Name: Peugeot Oxia
Debuted: 1988 Paris Motor Show
Specs: mid-mounted biturbo 2.8-liter V6 engine with 670 hp (500 kW) and 535 lb-ft (720 Nm), six-speed manual gearbox, AWD, four-wheel steering, 3,000 lbs (1,360 kg) weight
Why We Remember It Now:
Well, just read the technical specifications one more time in case you’re still not convinced this is a concept worth remembering. Named after a region on Mars, the Oxia was truly a marvelous piece of engineering, featuring a lightweight body made from a combination of carbon fiber and Kevlar on an aluminum honeycomb structure. The whole chassis tipped the scales at just 180 lbs (81.6 kg) and Peugeot’s engineers installed both front and rear limited-slip differentials.

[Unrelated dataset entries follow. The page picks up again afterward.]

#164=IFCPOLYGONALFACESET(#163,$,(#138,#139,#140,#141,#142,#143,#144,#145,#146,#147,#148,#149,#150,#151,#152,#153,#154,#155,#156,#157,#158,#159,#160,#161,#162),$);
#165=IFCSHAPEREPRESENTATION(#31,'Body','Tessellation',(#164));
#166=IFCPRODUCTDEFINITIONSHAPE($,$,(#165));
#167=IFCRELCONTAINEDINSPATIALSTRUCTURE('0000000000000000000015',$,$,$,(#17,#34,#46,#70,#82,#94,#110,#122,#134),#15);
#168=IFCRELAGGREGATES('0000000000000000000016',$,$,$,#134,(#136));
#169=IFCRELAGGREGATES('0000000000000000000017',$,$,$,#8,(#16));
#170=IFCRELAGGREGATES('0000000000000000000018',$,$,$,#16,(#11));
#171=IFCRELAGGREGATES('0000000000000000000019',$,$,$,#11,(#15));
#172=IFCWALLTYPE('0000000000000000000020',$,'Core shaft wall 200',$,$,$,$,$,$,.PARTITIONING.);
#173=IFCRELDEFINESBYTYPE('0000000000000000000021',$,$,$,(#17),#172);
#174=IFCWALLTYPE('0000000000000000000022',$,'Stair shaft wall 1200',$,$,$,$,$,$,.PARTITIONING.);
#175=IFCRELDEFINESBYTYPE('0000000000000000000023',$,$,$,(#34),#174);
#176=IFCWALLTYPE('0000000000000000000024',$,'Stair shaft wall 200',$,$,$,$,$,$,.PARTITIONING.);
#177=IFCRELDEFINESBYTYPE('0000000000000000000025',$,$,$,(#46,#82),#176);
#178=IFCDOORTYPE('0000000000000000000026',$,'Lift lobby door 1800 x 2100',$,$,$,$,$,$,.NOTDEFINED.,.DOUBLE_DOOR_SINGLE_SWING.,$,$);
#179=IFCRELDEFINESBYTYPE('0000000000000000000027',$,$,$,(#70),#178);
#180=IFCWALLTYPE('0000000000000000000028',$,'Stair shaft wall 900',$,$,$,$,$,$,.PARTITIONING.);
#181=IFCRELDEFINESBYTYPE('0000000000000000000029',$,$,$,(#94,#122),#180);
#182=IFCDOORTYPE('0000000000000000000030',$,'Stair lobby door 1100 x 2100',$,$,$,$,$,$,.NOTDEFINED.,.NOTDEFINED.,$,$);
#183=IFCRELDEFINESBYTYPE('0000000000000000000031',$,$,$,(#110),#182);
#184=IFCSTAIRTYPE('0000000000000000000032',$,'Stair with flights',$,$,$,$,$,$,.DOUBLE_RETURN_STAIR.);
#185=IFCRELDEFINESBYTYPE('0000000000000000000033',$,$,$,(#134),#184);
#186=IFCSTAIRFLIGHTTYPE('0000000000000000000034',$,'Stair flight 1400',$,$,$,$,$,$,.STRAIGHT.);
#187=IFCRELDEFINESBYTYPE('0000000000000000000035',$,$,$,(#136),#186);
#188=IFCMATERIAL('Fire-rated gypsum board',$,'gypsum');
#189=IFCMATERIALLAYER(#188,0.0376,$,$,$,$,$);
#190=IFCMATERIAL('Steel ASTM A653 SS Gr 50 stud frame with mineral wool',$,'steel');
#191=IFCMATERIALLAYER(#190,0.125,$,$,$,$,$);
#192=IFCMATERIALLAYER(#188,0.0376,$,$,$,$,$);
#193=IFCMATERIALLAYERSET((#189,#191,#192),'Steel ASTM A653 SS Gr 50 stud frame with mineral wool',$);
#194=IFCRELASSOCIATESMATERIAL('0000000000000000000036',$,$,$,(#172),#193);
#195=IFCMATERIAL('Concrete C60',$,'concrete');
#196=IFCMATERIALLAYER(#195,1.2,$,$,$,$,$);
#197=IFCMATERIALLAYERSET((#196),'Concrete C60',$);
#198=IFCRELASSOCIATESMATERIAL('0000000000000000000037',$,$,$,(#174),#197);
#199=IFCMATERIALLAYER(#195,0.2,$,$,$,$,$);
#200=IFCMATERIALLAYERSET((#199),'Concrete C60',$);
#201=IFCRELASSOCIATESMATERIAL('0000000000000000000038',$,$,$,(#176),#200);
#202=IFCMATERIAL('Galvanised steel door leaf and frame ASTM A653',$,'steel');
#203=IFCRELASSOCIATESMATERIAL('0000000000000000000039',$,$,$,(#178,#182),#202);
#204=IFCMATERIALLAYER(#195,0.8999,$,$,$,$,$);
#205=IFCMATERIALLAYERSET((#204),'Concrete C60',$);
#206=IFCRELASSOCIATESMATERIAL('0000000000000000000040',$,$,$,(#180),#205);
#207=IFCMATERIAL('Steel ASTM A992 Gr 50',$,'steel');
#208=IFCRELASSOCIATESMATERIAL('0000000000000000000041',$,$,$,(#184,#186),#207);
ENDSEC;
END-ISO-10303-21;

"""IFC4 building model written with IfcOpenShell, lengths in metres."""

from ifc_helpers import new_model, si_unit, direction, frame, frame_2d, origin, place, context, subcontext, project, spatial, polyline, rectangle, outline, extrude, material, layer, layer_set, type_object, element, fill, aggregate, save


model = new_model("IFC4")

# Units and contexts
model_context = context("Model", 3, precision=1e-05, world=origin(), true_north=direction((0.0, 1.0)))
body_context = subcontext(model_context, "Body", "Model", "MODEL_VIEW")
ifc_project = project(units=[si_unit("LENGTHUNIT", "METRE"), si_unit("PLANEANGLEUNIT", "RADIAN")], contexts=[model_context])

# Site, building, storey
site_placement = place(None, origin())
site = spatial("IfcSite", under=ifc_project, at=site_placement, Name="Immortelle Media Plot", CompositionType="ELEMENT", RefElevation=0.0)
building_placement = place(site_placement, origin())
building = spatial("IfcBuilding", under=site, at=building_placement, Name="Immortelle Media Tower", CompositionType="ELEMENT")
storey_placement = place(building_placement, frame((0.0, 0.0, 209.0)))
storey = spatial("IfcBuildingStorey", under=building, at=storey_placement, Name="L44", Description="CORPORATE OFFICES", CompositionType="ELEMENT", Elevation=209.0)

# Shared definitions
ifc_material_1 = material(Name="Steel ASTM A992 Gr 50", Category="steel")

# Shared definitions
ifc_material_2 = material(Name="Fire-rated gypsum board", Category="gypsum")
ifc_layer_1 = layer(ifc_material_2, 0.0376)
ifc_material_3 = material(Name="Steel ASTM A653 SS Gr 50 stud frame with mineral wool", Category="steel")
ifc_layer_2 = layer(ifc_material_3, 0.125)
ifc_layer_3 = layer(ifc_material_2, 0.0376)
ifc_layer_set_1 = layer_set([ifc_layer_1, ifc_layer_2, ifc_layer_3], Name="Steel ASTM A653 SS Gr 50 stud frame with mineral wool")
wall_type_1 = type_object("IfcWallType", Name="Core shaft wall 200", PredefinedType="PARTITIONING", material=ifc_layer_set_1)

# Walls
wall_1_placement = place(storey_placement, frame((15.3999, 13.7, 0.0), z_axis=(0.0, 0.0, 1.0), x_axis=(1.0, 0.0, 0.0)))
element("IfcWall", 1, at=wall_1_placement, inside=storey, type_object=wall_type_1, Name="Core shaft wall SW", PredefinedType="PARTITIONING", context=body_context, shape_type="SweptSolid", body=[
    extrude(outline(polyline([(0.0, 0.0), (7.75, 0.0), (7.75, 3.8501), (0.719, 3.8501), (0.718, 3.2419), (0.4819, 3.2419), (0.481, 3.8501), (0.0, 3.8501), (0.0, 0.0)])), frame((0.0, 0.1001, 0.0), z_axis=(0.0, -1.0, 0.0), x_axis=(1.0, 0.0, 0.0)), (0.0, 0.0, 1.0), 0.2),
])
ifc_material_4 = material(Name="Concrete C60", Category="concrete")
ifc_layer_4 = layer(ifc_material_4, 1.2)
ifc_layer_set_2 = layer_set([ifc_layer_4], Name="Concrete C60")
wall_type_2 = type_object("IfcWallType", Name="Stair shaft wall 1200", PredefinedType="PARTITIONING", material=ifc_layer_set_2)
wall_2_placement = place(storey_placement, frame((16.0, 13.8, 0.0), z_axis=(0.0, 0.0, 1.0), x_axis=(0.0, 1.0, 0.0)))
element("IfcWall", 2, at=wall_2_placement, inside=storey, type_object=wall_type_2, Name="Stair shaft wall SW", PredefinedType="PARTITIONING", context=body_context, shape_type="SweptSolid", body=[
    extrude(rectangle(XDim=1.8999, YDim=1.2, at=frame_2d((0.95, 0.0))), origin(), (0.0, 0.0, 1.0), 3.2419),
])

The dramatic concept was basically a race car for the roads, with some mind-blowing performances for a car of the late 80s. Speaking of which, Peugeot was rather conservative when it listed the top speed at 187 mph (300 kph), because the Oxia was actually able to reach 217 mph (350 kph) in the hands of Michelin test driver Jean-Philippe Vittecocq at the Nardo test track. The 0-60 mph (0-96 kph) sprint performance in less than five seconds still holds up even today, proving the car was in some ways ahead of its time.
But there was more to the Oxia than its remarkable specs, as it also had a futuristic shape and a very modern interior for those days. The two-seater cabin was able to provide a continuous airflow even when the car’s engine was not running thanks to the energy stored in the 18 solar cells installed at the base of the windshield. Electrically-adjustable seats and a CD player were also interesting to find on a car from that era, as were the spectacular butterfly doors.
An evolution of the 1984 Quasar concept pictured above, the AWD machine with four-wheel steering was described by its creator as being “the very essence of the dreamer which lies hidden deep in the heart of modern man.” Peugeot also teased everyone back in the day by saying it's the car “all would like to own but nobody can.”